Les soutiens, Rodin, Uhde, avaient certes de très bonnes raisons, personnelles, matérielles, pour abandonner leurs protégées ; reste que sans leur aide, seuls la misère et le désespoir étaient possibles. Ils auraient essayé tous deux de rendre l’asile moins dur, en bienfaiteurs anonymes, pour que Claudel soit au régime spécial, que Louis fasse partie des « pensionnaires ». Cette aide n’est pas complètement attestée, et de toute manière n’a pas duré ; elle n’a, surtout, pas empêché l’inhumation en fosse commune qui était la hantise de Louis, qui signait parfois « Séraphine Louis, sans rivale » et avait écrit sa propre épitaphe.

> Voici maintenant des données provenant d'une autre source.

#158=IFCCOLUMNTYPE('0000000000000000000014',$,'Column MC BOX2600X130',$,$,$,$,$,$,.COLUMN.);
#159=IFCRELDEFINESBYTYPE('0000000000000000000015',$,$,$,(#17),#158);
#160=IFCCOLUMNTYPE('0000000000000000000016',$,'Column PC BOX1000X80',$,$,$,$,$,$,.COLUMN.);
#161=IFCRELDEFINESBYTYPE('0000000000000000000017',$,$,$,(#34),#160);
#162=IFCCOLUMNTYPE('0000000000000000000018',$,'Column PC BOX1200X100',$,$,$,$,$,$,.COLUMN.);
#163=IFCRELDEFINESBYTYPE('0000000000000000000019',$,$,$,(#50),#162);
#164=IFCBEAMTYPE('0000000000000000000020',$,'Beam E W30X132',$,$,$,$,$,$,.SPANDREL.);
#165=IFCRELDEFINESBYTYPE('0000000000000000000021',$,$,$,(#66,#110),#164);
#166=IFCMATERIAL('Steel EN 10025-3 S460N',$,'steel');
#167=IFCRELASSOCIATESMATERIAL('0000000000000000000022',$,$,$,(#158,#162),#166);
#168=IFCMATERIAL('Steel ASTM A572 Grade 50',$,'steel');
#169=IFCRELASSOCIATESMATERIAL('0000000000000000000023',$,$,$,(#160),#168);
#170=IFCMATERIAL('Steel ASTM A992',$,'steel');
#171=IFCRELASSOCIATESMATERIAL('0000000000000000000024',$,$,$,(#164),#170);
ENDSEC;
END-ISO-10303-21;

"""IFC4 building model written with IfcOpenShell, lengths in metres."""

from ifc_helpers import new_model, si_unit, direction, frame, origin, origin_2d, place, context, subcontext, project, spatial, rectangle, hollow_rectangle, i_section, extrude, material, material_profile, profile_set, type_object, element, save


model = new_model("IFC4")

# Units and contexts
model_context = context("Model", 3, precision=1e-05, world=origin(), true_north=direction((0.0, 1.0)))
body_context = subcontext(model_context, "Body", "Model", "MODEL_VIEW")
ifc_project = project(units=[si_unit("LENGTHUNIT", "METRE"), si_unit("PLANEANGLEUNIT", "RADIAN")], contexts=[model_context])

Parmi les injustices les plus bouleversantes, le fait qu’on annonce leur mort à toutes les deux bien avant que celle-ci n’advienne : les notices de dictionnaires et d’encyclopédie notent Claudel morte en 1920, l’erreur persistera jusque dans les année 1960 ; quant à Louis, c’est Uhde lui-même qui l’écrit : « en 1934, elle mourait à l’asile d’aliénés de Clermont », avec presque dix ans d’avance. Toutes deux mortes au monde ou mortes tout court : qu’est-ce que cela change, au fond, si ce n’est leur propre calvaire ?

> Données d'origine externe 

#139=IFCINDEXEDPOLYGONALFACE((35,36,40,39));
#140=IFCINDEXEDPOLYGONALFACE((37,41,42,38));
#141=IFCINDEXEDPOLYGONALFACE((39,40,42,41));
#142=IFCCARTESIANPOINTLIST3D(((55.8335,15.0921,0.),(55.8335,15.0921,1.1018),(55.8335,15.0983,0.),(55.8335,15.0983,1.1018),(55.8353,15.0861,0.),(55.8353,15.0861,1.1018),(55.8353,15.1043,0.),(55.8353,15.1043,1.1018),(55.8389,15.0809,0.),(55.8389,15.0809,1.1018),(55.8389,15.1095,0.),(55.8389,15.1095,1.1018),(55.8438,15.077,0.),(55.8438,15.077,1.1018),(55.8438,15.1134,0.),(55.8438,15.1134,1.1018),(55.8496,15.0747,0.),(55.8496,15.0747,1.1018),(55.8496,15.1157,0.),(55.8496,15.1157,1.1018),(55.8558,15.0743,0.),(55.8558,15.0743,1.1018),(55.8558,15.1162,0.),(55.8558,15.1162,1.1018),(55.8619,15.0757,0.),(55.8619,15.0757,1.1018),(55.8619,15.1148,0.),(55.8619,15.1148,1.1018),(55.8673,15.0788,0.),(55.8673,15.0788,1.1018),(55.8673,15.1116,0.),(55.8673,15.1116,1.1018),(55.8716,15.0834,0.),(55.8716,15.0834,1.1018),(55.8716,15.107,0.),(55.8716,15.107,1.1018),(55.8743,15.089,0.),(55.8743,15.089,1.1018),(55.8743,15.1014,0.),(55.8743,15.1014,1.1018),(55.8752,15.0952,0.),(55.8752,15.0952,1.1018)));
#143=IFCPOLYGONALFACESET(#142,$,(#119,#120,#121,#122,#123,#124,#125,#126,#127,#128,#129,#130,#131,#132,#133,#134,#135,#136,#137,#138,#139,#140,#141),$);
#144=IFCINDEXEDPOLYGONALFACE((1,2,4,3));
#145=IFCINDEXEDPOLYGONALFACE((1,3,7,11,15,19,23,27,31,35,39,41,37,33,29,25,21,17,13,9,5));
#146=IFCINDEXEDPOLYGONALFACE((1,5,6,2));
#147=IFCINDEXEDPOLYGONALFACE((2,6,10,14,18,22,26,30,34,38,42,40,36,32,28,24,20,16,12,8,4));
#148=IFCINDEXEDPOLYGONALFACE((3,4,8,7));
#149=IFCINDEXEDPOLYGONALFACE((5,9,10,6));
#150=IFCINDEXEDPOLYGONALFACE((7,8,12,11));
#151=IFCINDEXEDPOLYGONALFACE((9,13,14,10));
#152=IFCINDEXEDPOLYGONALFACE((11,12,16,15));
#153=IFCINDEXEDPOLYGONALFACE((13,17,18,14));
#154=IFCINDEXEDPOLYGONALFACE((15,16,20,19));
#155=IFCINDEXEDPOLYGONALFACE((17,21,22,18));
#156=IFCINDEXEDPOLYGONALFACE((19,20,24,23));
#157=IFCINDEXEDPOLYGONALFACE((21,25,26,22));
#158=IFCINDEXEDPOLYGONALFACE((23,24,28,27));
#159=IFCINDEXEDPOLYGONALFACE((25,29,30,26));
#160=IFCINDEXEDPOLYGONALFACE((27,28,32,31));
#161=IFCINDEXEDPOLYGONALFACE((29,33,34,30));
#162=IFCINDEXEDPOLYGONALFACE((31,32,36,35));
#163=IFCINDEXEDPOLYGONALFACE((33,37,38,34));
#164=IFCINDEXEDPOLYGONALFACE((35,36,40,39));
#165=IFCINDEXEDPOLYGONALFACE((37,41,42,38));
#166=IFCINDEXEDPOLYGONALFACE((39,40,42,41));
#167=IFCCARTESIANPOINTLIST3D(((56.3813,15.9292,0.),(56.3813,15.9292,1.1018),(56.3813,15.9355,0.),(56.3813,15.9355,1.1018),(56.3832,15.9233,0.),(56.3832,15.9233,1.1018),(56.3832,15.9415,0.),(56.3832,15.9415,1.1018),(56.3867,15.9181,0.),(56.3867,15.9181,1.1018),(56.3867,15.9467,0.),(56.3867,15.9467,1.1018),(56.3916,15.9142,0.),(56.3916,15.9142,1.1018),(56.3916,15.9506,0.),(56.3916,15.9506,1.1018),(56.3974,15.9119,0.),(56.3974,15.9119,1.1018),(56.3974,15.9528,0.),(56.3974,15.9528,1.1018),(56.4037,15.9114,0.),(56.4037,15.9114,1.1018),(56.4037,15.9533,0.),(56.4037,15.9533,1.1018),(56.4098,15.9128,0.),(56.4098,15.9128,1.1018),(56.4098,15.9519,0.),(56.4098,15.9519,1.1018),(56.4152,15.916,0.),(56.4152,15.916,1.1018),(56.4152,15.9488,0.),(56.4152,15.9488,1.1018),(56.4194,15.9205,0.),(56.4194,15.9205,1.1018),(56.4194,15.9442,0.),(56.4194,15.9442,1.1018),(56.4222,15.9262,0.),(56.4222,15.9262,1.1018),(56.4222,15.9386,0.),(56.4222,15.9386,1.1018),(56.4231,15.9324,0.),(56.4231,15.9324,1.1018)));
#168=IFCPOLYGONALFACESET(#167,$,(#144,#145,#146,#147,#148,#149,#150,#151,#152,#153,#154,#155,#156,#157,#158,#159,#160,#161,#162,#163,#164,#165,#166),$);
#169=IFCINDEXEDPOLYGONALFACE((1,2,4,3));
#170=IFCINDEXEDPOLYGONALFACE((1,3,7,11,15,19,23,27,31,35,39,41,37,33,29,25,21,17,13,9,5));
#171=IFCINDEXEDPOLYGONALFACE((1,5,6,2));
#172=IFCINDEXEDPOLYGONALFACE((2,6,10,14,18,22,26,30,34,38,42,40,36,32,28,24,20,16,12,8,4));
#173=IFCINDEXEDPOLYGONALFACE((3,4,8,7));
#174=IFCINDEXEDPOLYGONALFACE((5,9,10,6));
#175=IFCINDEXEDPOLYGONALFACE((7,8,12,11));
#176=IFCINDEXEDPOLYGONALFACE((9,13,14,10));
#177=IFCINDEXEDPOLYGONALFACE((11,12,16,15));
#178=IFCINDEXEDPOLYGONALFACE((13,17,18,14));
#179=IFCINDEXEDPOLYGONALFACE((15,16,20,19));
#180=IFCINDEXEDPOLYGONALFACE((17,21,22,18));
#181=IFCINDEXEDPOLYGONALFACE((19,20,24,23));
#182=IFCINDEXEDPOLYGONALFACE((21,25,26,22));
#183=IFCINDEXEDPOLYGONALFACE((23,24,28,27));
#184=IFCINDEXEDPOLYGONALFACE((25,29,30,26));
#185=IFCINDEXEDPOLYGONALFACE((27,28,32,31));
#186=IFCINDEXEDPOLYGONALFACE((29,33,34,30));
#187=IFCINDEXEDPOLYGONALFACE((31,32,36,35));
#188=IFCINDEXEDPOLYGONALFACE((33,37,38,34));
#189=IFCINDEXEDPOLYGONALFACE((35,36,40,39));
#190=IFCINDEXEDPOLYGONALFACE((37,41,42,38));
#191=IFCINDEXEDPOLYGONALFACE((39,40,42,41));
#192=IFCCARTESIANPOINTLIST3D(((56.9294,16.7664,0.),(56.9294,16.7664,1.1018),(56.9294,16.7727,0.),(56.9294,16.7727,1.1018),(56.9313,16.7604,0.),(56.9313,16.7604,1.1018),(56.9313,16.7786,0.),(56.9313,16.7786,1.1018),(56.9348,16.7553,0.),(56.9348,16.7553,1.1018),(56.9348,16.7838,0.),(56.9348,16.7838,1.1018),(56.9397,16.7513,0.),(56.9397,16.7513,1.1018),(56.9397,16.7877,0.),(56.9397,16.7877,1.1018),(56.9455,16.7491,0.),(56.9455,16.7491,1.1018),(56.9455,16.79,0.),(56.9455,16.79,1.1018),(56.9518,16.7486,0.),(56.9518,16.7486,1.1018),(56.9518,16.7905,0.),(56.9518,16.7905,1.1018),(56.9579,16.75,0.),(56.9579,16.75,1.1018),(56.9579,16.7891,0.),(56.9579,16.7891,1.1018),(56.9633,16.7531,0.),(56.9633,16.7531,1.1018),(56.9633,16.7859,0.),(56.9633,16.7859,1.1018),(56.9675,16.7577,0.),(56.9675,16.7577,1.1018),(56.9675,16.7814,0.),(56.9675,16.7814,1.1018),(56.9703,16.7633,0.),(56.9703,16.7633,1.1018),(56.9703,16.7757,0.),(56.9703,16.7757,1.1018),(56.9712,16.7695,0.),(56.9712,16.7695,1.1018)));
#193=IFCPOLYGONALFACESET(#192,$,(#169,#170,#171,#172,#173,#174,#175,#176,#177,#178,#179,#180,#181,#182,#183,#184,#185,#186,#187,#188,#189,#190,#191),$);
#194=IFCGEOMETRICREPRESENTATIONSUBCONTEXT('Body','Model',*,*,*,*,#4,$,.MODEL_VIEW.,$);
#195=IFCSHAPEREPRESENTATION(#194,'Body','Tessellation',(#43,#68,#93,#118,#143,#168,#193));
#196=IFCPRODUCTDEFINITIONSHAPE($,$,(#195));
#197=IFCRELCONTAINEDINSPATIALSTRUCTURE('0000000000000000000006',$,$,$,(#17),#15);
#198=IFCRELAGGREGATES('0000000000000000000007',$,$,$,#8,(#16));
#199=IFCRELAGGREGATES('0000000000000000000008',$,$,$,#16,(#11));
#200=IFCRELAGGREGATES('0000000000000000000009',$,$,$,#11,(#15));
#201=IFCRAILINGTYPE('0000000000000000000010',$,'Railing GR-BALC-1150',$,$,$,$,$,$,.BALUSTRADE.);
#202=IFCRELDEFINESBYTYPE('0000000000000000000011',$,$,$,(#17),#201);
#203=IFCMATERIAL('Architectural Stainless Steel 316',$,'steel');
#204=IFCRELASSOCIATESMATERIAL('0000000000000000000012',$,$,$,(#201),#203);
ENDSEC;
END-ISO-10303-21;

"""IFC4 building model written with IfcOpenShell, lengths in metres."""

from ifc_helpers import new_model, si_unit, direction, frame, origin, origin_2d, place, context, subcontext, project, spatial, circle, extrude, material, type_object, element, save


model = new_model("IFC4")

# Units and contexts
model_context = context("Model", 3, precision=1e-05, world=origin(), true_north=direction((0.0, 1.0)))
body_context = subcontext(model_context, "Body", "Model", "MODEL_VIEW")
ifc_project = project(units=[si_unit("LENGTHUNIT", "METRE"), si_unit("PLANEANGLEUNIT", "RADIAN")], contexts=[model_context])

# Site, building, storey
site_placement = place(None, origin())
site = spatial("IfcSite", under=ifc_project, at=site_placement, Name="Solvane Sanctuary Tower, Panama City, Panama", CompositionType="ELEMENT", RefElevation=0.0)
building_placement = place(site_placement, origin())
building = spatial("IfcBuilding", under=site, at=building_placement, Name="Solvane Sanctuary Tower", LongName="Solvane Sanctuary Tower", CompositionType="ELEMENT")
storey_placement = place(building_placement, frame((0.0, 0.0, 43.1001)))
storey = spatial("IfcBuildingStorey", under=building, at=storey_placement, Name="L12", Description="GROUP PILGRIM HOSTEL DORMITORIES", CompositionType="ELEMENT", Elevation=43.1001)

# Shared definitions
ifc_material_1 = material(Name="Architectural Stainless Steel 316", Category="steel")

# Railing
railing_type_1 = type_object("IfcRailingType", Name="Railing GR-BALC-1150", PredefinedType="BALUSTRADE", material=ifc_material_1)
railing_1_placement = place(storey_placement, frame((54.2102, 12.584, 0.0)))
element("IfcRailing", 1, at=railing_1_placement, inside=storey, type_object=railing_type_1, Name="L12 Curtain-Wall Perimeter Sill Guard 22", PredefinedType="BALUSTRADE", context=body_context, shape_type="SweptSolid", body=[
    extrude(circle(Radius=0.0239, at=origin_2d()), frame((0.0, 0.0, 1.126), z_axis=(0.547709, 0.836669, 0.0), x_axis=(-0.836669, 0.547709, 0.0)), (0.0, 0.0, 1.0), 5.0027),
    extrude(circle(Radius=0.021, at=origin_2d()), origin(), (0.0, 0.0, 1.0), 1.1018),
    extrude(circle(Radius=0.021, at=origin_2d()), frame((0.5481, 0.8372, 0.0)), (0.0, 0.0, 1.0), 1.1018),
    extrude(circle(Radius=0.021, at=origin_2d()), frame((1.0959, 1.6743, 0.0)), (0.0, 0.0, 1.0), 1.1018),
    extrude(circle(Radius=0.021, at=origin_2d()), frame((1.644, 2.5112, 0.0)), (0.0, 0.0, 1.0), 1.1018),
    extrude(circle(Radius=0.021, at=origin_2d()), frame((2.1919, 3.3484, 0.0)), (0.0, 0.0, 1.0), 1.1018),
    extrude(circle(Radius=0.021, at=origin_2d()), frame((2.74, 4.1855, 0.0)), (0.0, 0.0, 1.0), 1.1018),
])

L’une avait tous les dons, était née bourgeoise, ravissante selon les critères établis, elle fut l’élève du plus grand maître qu’elle pouvait espérer, a connu un certain succès de son vivant. L’autre était pauvre, autodidacte, la risée de son voisinage, mais a également exposé de son vivant et vendu des œuvres. Elles débordaient toutes les deux des cases étriquées. Le manque d’argent qui se traduisait automatiquement en manque de matériel pour travailler à leurs œuvres les ont désespérées. Elles ont causé trop de tapage. On les a enfermées. Elles sont mortes à l’asile, pendant la guerre. Elles n’ont pas de tombe. Pour celles et ceux qui se souvenaient et se souciaient d’elles, on les croyait mortes déjà.